|Silva, Christopher - Chris|
Submitted to: Journal of American Society for Mass Spectrometry
Publication Type: Peer reviewed journal
Publication Acceptance Date: 3/22/2007
Publication Date: 3/28/2007
Citation: Onisko, B.C., Dynin, I.A., Requena, J.R., Silva, C.J., Erickson, M.L., Carter, J.M. 2007. Mass Spectrometric Detection of Attomole Amounts of the Prion Protein by nanoLC-MS-MS. Journal of American Society for Mass Spectrometry. Volume(18); 1070-1079 Interpretive Summary: Prions are the cause of fatal brain diseases such as scrapie in sheep and bovine spongiform encephalopathy (BSE) is cows. Prions have been shown to be present in blood by experimentally transfusing blood from infected animals to uninfected animals. At present there are no reliable methods to diagnose TSEs in live animals. We developed a method to detect prions using nano-scale purification coupled to an extremely sensitive detector (mass spectrometer). This method allows us to detect material at a level at least 10,000 times lower than any currently approved diagnostic test.

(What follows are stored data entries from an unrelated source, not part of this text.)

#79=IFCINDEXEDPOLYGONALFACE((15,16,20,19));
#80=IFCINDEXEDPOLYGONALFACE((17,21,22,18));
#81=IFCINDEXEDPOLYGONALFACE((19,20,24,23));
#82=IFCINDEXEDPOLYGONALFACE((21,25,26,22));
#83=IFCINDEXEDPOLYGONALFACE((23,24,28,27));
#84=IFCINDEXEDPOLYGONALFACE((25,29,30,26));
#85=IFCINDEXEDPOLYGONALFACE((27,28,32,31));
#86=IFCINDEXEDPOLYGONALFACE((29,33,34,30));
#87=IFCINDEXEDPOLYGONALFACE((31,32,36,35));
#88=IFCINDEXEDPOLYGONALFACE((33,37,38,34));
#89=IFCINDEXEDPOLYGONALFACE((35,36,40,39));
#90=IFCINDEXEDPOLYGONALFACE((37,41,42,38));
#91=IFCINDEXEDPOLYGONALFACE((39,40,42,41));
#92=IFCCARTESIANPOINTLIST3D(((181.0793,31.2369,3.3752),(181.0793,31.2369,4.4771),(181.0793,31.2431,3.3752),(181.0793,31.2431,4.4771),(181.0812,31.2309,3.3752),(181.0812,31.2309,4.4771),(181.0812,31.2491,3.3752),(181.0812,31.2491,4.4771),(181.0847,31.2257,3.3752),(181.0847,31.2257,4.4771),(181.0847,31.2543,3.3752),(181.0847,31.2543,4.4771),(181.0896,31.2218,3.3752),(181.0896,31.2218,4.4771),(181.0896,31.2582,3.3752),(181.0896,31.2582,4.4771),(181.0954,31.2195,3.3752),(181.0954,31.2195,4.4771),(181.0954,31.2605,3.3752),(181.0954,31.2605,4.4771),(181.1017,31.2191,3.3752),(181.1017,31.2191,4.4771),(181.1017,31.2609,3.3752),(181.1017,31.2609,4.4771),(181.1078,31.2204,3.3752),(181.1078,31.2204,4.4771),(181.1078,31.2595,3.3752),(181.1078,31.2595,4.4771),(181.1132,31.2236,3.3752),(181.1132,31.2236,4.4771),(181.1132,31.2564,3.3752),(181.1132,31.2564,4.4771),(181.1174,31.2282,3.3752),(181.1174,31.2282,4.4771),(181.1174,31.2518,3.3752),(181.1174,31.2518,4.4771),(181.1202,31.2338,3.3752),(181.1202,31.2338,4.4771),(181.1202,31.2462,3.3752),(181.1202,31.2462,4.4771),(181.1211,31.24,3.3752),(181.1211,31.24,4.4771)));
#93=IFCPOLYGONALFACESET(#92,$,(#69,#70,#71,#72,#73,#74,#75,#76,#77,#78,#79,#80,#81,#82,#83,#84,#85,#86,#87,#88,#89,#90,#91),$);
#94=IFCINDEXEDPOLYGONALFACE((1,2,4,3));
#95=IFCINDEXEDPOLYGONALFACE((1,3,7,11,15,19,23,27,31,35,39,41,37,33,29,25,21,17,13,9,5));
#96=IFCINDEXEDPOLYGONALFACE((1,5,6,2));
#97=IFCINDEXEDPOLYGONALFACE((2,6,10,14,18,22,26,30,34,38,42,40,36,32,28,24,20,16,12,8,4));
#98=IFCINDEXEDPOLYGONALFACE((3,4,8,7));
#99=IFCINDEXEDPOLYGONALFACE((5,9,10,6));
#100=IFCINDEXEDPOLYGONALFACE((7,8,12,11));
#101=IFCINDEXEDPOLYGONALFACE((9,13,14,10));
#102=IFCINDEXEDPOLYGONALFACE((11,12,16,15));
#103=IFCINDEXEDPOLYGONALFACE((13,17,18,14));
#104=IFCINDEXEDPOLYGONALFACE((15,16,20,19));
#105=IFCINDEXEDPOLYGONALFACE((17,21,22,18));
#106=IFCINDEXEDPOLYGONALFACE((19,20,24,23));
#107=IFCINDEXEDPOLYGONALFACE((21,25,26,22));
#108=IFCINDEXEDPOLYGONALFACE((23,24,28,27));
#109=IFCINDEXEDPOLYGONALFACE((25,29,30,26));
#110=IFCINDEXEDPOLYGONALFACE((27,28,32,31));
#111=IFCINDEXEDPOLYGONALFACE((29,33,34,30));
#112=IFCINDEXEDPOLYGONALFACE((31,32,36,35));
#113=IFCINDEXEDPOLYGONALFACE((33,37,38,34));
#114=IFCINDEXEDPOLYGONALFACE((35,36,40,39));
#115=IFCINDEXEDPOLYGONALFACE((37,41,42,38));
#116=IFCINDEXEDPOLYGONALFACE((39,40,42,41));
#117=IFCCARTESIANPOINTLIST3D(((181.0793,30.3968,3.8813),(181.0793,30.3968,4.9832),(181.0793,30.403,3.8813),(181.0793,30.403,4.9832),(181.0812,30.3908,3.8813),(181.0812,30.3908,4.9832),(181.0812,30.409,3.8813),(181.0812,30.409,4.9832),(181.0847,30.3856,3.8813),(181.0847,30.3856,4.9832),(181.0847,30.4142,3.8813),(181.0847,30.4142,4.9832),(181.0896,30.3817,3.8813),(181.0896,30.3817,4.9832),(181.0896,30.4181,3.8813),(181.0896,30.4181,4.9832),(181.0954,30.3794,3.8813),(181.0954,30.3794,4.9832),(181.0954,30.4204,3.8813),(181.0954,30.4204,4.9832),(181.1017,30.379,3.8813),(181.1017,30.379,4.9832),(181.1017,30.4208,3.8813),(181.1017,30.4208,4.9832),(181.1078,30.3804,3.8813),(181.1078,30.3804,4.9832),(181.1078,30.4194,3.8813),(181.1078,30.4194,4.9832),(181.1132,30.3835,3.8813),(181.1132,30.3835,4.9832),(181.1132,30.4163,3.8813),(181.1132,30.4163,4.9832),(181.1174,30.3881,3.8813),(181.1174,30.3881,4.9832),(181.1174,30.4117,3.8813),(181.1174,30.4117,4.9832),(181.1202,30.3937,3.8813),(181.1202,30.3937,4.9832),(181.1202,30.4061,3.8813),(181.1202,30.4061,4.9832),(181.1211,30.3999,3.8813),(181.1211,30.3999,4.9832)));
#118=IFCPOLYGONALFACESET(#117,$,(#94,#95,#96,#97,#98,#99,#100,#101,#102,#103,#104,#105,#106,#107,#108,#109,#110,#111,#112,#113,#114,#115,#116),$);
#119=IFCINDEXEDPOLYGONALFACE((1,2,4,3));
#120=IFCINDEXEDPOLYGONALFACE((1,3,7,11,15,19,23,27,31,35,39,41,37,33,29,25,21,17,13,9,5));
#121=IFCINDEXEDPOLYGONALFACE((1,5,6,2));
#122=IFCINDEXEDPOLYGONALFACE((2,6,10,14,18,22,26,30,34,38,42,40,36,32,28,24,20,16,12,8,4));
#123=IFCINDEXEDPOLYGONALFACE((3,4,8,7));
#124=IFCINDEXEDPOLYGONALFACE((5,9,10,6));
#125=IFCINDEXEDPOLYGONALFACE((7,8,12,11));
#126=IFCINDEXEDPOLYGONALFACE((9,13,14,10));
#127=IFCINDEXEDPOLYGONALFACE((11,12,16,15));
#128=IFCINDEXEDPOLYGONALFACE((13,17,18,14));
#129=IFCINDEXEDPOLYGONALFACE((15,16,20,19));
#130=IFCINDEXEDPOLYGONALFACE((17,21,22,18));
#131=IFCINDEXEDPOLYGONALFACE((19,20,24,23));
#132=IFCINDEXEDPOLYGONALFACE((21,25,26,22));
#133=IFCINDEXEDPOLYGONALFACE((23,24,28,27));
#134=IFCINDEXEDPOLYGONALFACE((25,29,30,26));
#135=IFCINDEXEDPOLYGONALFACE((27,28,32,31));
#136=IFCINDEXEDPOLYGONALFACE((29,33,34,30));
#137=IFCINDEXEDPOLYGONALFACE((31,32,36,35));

Technical Abstract: Quantitation of prions in biological samples other than brain or spinal cord is an extremely important and challenging analytical problem. Prions are the cause of several fatal neurodegenerative diseases in animal and humans known as Transmissible Spongiform Encephalopathies (TSEs). At present there are no methods to diagnose TSEs in live animals or to assure a prion-free blood supply for humans. Prions have been shown to be present in blood by transfusion experiments, but based on the amount of infectivity found in these types of experiments, the amount of misfolded prion protein in blood is estimated to be only 30-625 amol/mL. We studied quantitation of the prion protein by use of nano-scale liquid chromatography coupled to a tandem mass spectrometer using the multiple reaction monitoring mode of operation. We developed a method based on the detection of VVEQMCTTQYQK obtained by reduction, alkylation and digestion with trypsin of the prion protein. Our attempt to improve this method using derivatization of PrP peptides with phenylisothiocyanate (PITC) was not successful because of decreased ionization efficiency of the PITC-derivatized peptides. The VVEQMCTTQYQK method has an LOD of 20-30 amol, which is at least four orders of magnitude more sensitive than published antibody methods.